As far as accuracy, Dr. Whittenburg has this to say: “Sending the water into a laboratory for analysis is the most reliable way to test it. However, if you choose an EPA-certified water testing kit, the results should be fairly accurate.”
Our Final Verdict on Water Test Kits for Pets
Can pet parents really benefit from using a water test kit? We think so—but only in a few circumstances.
As for drinking water tests, Dr. Whittenburg doesn’t think they offer much to pet parents. In most cases, tap water is perfectly safe to serve your dog. And during outdoor excursions, you’re better off giving your pooch bottled water that you know is safe. To that end, a portable dog water bottle is a handy tool.

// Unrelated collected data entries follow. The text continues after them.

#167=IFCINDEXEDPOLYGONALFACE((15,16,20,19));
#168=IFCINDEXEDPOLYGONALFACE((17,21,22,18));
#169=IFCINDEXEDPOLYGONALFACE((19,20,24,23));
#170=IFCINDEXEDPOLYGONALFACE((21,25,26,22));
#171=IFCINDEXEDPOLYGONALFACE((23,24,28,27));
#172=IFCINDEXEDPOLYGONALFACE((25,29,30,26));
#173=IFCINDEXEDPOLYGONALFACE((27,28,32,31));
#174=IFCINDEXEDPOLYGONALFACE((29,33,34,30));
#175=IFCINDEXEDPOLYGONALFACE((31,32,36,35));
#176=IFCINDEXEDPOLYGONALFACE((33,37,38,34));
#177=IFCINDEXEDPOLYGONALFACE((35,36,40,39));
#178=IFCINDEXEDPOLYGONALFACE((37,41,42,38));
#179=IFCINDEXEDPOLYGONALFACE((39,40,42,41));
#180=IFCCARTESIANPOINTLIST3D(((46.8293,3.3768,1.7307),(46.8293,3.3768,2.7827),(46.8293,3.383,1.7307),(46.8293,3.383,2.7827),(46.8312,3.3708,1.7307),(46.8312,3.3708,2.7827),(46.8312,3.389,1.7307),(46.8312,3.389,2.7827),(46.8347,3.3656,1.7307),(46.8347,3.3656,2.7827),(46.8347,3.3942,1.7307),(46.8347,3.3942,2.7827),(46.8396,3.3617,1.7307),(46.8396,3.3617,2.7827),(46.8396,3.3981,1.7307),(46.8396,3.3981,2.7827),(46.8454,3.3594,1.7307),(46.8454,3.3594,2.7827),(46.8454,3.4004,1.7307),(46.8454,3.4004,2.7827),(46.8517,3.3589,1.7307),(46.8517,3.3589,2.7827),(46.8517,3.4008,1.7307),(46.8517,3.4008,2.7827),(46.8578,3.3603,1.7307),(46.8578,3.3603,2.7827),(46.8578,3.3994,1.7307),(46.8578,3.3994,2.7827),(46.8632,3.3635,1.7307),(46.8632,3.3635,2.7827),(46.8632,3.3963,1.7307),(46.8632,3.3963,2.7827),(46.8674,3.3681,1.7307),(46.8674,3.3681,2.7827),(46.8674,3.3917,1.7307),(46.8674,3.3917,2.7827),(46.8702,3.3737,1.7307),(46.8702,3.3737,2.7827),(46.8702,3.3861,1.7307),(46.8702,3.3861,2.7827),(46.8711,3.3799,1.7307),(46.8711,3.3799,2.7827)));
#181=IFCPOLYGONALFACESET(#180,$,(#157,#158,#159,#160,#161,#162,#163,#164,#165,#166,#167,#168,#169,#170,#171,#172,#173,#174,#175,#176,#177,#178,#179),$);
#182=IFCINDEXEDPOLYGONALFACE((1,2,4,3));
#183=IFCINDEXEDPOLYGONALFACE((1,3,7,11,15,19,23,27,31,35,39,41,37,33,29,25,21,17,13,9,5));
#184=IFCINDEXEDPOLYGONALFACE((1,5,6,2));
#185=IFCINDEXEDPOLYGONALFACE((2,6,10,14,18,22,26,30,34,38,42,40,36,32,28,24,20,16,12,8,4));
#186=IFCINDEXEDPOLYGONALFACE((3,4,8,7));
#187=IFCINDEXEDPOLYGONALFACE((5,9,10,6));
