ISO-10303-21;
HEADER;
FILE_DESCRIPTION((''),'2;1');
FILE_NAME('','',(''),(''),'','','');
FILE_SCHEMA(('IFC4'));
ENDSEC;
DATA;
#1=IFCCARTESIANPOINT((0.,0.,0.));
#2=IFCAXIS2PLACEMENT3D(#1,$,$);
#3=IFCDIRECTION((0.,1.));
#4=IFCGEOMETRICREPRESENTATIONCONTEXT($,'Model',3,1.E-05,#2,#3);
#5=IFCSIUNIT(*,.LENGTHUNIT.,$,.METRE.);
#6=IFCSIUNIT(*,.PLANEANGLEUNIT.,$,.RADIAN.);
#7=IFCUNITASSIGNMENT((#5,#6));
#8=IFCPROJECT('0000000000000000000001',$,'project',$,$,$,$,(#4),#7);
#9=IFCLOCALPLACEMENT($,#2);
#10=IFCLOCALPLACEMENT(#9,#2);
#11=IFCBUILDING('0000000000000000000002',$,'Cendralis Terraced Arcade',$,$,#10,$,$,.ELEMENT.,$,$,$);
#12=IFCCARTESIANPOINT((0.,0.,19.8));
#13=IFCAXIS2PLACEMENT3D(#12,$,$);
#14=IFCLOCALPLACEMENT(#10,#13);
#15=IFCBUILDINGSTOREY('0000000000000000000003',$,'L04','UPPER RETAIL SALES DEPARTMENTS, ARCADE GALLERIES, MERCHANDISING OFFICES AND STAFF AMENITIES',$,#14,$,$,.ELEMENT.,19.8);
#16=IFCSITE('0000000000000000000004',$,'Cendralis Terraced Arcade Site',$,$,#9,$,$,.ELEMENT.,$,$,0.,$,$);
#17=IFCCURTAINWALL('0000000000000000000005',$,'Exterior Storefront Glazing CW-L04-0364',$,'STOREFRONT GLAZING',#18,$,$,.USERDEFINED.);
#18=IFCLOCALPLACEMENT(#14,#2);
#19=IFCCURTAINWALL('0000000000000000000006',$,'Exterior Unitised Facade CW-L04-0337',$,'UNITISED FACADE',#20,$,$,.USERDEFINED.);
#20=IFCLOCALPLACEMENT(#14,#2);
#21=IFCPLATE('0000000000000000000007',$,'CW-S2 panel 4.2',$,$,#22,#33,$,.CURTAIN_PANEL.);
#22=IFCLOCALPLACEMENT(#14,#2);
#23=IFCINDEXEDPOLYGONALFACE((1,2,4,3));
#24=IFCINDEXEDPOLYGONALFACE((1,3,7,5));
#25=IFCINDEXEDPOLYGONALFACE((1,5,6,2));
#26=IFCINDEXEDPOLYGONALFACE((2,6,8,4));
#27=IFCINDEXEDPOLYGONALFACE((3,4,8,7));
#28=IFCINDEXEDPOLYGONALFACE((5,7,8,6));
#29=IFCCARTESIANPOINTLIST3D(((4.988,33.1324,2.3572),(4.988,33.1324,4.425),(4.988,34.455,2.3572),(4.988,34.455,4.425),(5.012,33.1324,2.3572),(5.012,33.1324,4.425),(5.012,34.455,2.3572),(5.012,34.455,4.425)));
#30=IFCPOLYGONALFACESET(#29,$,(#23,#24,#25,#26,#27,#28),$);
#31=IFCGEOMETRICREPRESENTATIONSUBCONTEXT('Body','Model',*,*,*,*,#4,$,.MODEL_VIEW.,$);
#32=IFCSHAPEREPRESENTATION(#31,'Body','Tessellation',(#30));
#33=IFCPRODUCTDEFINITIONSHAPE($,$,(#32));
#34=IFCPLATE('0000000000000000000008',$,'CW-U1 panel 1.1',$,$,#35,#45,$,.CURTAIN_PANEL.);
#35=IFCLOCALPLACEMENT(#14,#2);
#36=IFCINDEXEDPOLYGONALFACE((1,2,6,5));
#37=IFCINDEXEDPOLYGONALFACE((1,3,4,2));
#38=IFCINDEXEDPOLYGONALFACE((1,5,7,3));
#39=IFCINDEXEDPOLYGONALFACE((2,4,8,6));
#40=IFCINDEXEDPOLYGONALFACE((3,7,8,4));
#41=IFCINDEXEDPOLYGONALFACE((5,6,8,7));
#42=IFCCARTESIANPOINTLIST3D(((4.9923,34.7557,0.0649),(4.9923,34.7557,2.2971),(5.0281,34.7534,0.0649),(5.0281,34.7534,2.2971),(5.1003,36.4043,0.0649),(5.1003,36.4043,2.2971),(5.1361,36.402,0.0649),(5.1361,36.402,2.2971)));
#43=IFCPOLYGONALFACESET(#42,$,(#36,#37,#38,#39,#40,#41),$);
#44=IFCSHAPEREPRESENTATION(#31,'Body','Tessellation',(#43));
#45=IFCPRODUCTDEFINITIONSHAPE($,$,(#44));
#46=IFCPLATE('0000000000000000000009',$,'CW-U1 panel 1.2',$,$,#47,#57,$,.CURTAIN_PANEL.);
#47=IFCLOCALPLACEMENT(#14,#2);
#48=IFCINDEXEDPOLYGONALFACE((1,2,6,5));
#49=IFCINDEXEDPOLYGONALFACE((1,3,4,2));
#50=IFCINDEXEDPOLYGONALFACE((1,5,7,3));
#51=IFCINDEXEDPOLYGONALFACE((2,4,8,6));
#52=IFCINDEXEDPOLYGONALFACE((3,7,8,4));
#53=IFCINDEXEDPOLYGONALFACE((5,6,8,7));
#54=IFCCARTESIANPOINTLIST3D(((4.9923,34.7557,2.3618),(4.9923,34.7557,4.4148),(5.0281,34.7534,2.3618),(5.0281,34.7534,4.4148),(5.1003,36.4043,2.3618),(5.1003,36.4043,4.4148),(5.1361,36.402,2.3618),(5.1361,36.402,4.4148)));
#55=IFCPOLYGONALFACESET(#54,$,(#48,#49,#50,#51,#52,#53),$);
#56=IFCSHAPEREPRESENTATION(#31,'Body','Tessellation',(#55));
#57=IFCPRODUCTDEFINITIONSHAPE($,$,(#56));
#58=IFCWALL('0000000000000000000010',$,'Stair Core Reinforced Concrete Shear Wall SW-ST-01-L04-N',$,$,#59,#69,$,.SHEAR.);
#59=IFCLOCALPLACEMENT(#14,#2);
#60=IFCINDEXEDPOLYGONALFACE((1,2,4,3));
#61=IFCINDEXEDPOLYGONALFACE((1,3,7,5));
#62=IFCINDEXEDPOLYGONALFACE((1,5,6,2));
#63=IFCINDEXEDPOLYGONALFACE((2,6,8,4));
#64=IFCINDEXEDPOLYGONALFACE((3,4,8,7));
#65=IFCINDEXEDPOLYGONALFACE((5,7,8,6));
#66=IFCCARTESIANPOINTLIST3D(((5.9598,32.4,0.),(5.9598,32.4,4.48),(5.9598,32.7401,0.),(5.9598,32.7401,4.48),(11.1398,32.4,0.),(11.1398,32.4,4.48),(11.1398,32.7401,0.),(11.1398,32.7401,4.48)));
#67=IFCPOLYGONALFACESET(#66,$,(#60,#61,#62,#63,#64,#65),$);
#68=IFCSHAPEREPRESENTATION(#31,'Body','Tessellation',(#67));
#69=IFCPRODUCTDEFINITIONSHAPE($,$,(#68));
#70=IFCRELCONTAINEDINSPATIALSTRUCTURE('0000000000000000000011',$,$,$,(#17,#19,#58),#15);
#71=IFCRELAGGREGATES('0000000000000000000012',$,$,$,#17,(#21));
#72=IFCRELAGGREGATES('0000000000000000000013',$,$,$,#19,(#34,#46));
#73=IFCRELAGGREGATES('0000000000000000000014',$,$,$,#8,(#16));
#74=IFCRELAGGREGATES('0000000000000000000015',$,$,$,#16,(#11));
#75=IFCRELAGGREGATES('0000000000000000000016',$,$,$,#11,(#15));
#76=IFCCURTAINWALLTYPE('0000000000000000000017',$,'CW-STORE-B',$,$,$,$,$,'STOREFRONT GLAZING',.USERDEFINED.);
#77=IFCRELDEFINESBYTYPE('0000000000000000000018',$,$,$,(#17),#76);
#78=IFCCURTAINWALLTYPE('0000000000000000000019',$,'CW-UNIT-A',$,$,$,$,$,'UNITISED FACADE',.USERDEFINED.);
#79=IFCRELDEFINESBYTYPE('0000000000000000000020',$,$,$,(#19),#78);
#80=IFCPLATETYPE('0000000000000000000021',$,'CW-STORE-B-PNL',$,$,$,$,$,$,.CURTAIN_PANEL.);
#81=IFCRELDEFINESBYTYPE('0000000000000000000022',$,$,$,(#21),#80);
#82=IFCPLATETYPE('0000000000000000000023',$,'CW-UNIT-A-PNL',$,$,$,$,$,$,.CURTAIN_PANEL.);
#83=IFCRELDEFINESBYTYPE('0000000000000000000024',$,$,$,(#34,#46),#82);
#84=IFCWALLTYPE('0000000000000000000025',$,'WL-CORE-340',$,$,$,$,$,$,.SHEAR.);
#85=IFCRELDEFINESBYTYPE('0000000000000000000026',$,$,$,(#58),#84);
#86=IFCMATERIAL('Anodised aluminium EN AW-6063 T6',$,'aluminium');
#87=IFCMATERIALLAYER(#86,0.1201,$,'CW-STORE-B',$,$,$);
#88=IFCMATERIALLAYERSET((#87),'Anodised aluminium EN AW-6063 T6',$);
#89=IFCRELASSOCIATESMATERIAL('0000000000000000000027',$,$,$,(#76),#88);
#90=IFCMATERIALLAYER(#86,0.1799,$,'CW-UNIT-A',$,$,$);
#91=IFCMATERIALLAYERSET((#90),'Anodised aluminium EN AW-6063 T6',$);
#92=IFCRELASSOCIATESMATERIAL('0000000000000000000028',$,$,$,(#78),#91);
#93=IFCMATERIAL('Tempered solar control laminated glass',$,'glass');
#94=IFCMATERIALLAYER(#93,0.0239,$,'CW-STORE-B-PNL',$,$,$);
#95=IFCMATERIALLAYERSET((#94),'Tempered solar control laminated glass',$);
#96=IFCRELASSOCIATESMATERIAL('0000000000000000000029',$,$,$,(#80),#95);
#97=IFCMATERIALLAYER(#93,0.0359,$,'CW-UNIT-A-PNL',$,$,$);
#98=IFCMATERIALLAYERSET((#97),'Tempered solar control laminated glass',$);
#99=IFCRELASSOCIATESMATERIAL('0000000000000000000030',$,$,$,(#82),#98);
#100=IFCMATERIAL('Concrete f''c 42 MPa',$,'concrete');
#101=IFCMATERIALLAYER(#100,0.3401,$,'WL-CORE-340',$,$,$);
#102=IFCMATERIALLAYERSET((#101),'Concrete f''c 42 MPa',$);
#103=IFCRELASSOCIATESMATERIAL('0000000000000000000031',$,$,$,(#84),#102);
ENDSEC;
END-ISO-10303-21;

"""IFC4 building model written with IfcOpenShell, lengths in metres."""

from ifc_helpers import new_model, si_unit, direction, frame, frame_2d, origin, origin_2d, place, context, subcontext, project, spatial, rectangle, extrude, material, layer, layer_set, type_object, element, aggregate, save


model = new_model("IFC4")

# Units and contexts
model_context = context("Model", 3, precision=1e-05, world=origin(), true_north=direction((0.0, 1.0)))
body_context = subcontext(model_context, "Body", "Model", "MODEL_VIEW")
ifc_project = project(units=[si_unit("LENGTHUNIT", "METRE"), si_unit("PLANEANGLEUNIT", "RADIAN")], contexts=[model_context])

# Site, building, storey
site_placement = place(None, origin())
site = spatial("IfcSite", under=ifc_project, at=site_placement, Name="Cendralis Terraced Arcade Site", CompositionType="ELEMENT", RefElevation=0.0)
building_placement = place(site_placement, origin())
building = spatial("IfcBuilding", under=site, at=building_placement, Name="Cendralis Terraced Arcade", CompositionType="ELEMENT")
storey_placement = place(building_placement, frame((0.0, 0.0, 19.8)))
storey = spatial("IfcBuildingStorey", under=building, at=storey_placement, Name="L04", Description="UPPER RETAIL SALES DEPARTMENTS, ARCADE GALLERIES, MERCHANDISING OFFICES AND STAFF AMENITIES", CompositionType="ELEMENT", Elevation=19.8)

# Curtain walls
ifc_material_1 = material(Name="Anodised aluminium EN AW-6063 T6", Category="aluminium")
ifc_layer_1 = layer(ifc_material_1, 0.1201, Name="CW-STORE-B")
ifc_layer_set_1 = layer_set([ifc_layer_1], Name="Anodised aluminium EN AW-6063 T6")
curtain_wall_type_1 = type_object("IfcCurtainWallType", Name="CW-STORE-B", ElementType="STOREFRONT GLAZING", PredefinedType="USERDEFINED", material=ifc_layer_set_1)
curtain_wall_1_placement = place(storey_placement, origin())
curtain_wall_1 = element("IfcCurtainWall", 1, at=curtain_wall_1_placement, inside=storey, type_object=curtain_wall_type_1, Name="Exterior Storefront Glazing CW-L04-0364", ObjectType="STOREFRONT GLAZING", PredefinedType="USERDEFINED")
ifc_layer_2 = layer(ifc_material_1, 0.1799, Name="CW-UNIT-A")
ifc_layer_set_2 = layer_set([ifc_layer_2], Name="Anodised aluminium EN AW-6063 T6")
curtain_wall_type_2 = type_object("IfcCurtainWallType", Name="CW-UNIT-A", ElementType="UNITISED FACADE", PredefinedType="USERDEFINED", material=ifc_layer_set_2)
curtain_wall_2_placement = place(storey_placement, origin())
curtain_wall_2 = element("IfcCurtainWall", 2, at=curtain_wall_2_placement, inside=storey, type_object=curtain_wall_type_2, Name="Exterior Unitised Facade CW-L04-0337", ObjectType="UNITISED FACADE", PredefinedType="USERDEFINED")

# Plates
ifc_material_2 = material(Name="Tempered solar control laminated glass", Category="glass")
ifc_layer_3 = layer(ifc_material_2, 0.0239, Name="CW-STORE-B-PNL")
ifc_layer_set_3 = layer_set([ifc_layer_3], Name="Tempered solar control laminated glass")
plate_type_1 = type_object("IfcPlateType", Name="CW-STORE-B-PNL", PredefinedType="CURTAIN_PANEL", material=ifc_layer_set_3)
plate_1_placement = place(storey_placement, frame((5.0, 33.7937, 2.3572), z_axis=(0.0, 0.0, 1.0), x_axis=(0.0, 1.0, 0.0)))
plate_1 = element("IfcPlate", 3, at=plate_1_placement, type_object=plate_type_1, Name="CW-S2 panel 4.2", PredefinedType="CURTAIN_PANEL", context=body_context, shape_type="SweptSolid", body=[
    extrude(rectangle(XDim=1.3225, YDim=0.0239, at=origin_2d()), origin(), (0.0, 0.0, 1.0), 2.0679),
])
aggregate(curtain_wall_1, [plate_1])
ifc_layer_4 = layer(ifc_material_2, 0.0359, Name="CW-UNIT-A-PNL")
ifc_layer_set_4 = layer_set([ifc_layer_4], Name="Tempered solar control laminated glass")
plate_type_2 = type_object("IfcPlateType", Name="CW-UNIT-A-PNL", PredefinedType="CURTAIN_PANEL", material=ifc_layer_set_4)
plate_2_placement = place(storey_placement, frame((5.0642, 35.5789, 0.0649), z_axis=(0.0, 0.0, 1.0), x_axis=(0.065372, 0.997861, 0.0)))
plate_2 = element("IfcPlate", 4, at=plate_2_placement, type_object=plate_type_2, Name="CW-U1 panel 1.1", PredefinedType="CURTAIN_PANEL", context=body_context, shape_type="SweptSolid", body=[
    extrude(rectangle(XDim=1.6521, YDim=0.0359, at=origin_2d()), origin(), (0.0, 0.0, 1.0), 2.2322),
])
plate_3_placement = place(storey_placement, frame((5.0642, 35.5789, 2.3618), z_axis=(0.0, 0.0, 1.0), x_axis=(0.065372, 0.997861, 0.0)))
plate_3 = element("IfcPlate", 5, at=plate_3_placement, type_object=plate_type_2, Name="CW-U1 panel 1.2", PredefinedType="CURTAIN_PANEL", context=body_context, shape_type="SweptSolid", body=[
    extrude(rectangle(XDim=1.6521, YDim=0.0359, at=origin_2d()), origin(), (0.0, 0.0, 1.0), 2.053),
])
aggregate(curtain_wall_2, [plate_2, plate_3])

# Wall
ifc_material_3 = material(Name="Concrete f'c 42 MPa", Category="concrete")
ifc_layer_5 = layer(ifc_material_3, 0.3401, Name="WL-CORE-340")
ifc_layer_set_5 = layer_set([ifc_layer_5], Name="Concrete f'c 42 MPa")
wall_type = type_object("IfcWallType", Name="WL-CORE-340", PredefinedType="SHEAR", material=ifc_layer_set_5)
wall_placement = place(storey_placement, frame((5.96, 32.5701, 0.0), z_axis=(0.0, 0.0, 1.0), x_axis=(1.0, 0.0, 0.0)))
element("IfcWall", 6, at=wall_placement, inside=storey, type_object=wall_type, Name="Stair Core Reinforced Concrete Shear Wall SW-ST-01-L04-N", PredefinedType="SHEAR", context=body_context, shape_type="SweptSolid", body=[
    extrude(rectangle(XDim=5.1799, YDim=0.3401, at=frame_2d((2.5898, 0.0))), origin(), (0.0, 0.0, 1.0), 4.48),
])

save(model, "model.ifc")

Ultimately, a water test kit makes the most sense for pet parents concerned about blue-green algae blooms. If you and your dog routinely stumble upon new swimming spots, an algae test like 5Strands makes a smart addition to your outdoor pet gear.
When in doubt, it’s best to avoid water you think could be contaminated. And if you ever wind up with a positive test for blue-green algae, consider using a dog swimming pool as a safe (and still fun!) backup for your pooch.
How We Chose
The products featured here were selected based on a comprehensive look at customer reviews across a wide variety of retail platforms, and interviews with veterinary experts. We considered cost, practicality of use for pet parents, and accuracy when making our selections. We’re also guided by the experience of living and playing alongside our own much-loved and strongly opinionated pets, who are never stingy with their feedback.